Business Valuation Information
A business valuation report helps identify how much interest an owner has in a particular company. The report looks at the business as a whole by analyzing the financials, operations, sales and marketing practices, and other business-related activities. Businesses of all types need to have a valuation report prepared sometimes. The reasons to create a business valuation report include:
- To prepare for the sale of the business
- If there is a change in business ownership—for example, the primary owner leaves the business.
- If a valuation is requested for a major loan or other financial operation.
How the Business Valuation Process Works
An appraiser is called in to do a business valuation. The process usually starts with a visual inspection of the property and inventory checks.
Then the process of evaluating documents begins. Someone (usually the owner or someone designated) must gather up many documents and other information to be used in the report.
Basic Information in a Business Valuation Report
The business valuation report will list the company's legal type and ownership structure, including owners and each owner's percentage of ownership. There will be resumes and contracts for the top executives and managers and all company owners (unless a public company). Also, a calculation of the current monthly payroll data with the number of employees and their functions, and a current organization chart.
The appraiser will need information on employee benefit plans and costs.
You may also need a listing of all business advisers like the attorney, CPA, consultants and any contracts or retainers.
The appraiser will request a history of the company, to learn about the company to value its liquidity, viability, and solvency. This part of the valuation is particularly important when the business has stock or shares held, or there are multiple owners.
Business Financial Statements in a Valuation Report
Probably the most important part of a business valuation report is the financial information. The preparer will request a balance sheet for each quarter for the past three to five years—depending on how long the company has been in existence. They will also need Income statements and other financial statements for each quarter for the past three to five years. Other financial records include company financial forecasts such as balance sheets and income statements. Also, information on obligations for retirement plans, profit sharing, stock options, and bonuses will be required for the review.
Tax returns for the past three to five years will need to be accessible. If the business is a pass-through entity, like a sole proprietorship, partnership, S corporation, or LLC, the owner's personal tax returns will also be required. Other information you will need to supply includes:
- Any liens against the business
- All litigation (whether ended or continuing) for the past five to ten years
- Listing of all intellectual property like patents, copyrights, trademarks/service marks
- All license agreements
Common Adjustments Made to Income Statements
Financial and income statements must be adjusted to remove items that are unique to the current business or which do not accurately represent the continuing business value.

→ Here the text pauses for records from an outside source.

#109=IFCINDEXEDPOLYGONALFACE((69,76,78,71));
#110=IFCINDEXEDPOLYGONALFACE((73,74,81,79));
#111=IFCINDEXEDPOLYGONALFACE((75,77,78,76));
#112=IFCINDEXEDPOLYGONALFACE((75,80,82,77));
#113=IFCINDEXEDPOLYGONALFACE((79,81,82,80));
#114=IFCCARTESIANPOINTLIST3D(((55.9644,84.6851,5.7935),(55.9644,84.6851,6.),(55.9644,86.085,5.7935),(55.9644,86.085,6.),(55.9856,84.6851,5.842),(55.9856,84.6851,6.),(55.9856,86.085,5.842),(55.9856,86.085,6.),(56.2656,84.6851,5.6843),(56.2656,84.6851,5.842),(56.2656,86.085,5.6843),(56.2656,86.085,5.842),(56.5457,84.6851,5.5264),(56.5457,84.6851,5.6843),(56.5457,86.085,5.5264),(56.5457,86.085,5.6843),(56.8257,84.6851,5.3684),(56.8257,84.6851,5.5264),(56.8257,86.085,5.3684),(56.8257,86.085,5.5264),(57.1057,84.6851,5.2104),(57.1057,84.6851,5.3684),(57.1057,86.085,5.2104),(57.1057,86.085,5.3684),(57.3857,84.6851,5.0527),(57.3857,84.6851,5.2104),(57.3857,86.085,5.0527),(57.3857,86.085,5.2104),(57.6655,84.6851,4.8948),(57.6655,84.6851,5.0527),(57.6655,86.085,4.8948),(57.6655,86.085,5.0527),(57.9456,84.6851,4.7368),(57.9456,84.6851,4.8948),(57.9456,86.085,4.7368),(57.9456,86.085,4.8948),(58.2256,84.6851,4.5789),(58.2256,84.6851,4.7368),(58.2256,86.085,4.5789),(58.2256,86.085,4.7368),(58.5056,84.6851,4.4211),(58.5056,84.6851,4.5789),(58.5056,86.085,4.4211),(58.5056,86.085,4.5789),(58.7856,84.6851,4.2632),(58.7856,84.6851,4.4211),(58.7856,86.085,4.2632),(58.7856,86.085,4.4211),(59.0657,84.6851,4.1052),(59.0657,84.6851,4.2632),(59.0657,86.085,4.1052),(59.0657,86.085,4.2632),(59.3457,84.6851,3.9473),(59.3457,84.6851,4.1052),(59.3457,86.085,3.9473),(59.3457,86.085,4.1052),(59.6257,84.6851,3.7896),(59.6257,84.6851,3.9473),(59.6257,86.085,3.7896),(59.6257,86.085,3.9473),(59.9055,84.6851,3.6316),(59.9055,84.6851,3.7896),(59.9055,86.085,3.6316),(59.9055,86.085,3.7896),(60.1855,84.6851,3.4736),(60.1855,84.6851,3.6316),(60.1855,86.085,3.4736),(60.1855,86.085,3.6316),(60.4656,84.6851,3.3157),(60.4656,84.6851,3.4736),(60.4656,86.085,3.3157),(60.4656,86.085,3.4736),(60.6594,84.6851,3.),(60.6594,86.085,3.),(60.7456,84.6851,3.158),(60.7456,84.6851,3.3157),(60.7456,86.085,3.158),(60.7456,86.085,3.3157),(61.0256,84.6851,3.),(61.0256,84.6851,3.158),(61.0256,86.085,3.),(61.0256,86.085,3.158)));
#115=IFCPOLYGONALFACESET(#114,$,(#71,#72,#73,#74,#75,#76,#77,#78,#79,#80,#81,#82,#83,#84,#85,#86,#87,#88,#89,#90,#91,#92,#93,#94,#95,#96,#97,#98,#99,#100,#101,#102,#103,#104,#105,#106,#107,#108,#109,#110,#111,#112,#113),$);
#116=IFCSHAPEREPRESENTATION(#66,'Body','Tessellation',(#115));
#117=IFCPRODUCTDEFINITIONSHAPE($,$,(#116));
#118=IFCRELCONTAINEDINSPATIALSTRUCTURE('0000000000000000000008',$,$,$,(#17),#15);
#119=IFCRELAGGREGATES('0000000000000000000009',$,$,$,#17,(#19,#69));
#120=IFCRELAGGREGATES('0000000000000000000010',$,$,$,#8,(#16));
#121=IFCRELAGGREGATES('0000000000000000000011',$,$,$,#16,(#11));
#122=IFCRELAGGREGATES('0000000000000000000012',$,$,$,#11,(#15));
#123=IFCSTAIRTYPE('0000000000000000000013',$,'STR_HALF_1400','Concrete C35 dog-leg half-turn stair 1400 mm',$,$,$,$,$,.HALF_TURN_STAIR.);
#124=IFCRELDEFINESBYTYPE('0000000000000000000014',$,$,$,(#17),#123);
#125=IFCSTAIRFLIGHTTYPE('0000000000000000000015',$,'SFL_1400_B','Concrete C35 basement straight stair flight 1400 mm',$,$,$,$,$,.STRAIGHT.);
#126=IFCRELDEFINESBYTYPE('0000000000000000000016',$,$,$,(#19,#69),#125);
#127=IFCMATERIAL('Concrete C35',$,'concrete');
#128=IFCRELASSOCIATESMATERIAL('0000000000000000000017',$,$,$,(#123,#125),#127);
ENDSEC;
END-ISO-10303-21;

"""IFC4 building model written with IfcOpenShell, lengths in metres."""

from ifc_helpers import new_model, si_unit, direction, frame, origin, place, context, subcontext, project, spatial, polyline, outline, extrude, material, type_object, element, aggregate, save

- Assets which are not part of operations are typically removed from the balance sheet. For example, assets like a corporate jet are not intrinsic to the continuing operations of a business, so these assets may be taken out of the deal.
- Excess cash is removed from the balance sheet if the cash is not going to be part of the deal. In many cases, the buyer wants the cash and will ask that it be retained. This is a negotiating point.
- Non-recurring income items and expenses are removed from the income statement. For example, a one-time sale of assets, the closing of a location, costs incurred for a lawsuit, or a one-time gain on a sale of a building might be taken out.
- Wages, salaries, benefits, and rental income are adjusted for current levels.
- Owner salaries are often taken out because these are discretionary and may not be continued by a new owner.
- Uncollectible accounts receivable are sometimes eliminated.
- Liabilities that have gone unpaid and have accrued interest may be added in if they're not already accounted for in the financial statement.
Removing discretionary, non-recurring and non-operating items from the balance sheet and income statement make the company's financial statements much more realistic for a potential owner to review. They give a more concise portrayal of a business's actual value for purposes of insurance claims and loan or mortgage qualification.
A Review Your Place in the Industry
The report will analyze your company's place in the industry. It will contain details on the industry and the company's market share in that industry. to value
A competitive analysis will cover the top competitors and their products/services. The report includes a summary of product inventory amounts for each product (from physical inventory) for the past three years and the list of all current suppliers. You will need a current customer list and the payment history of customers—including an, accounts receivable aging report—for the past three years
It may sound like a lot of information, but all of it is necessary for a valuation expert to gain a complete understanding of the company's financial position, obligations, and management.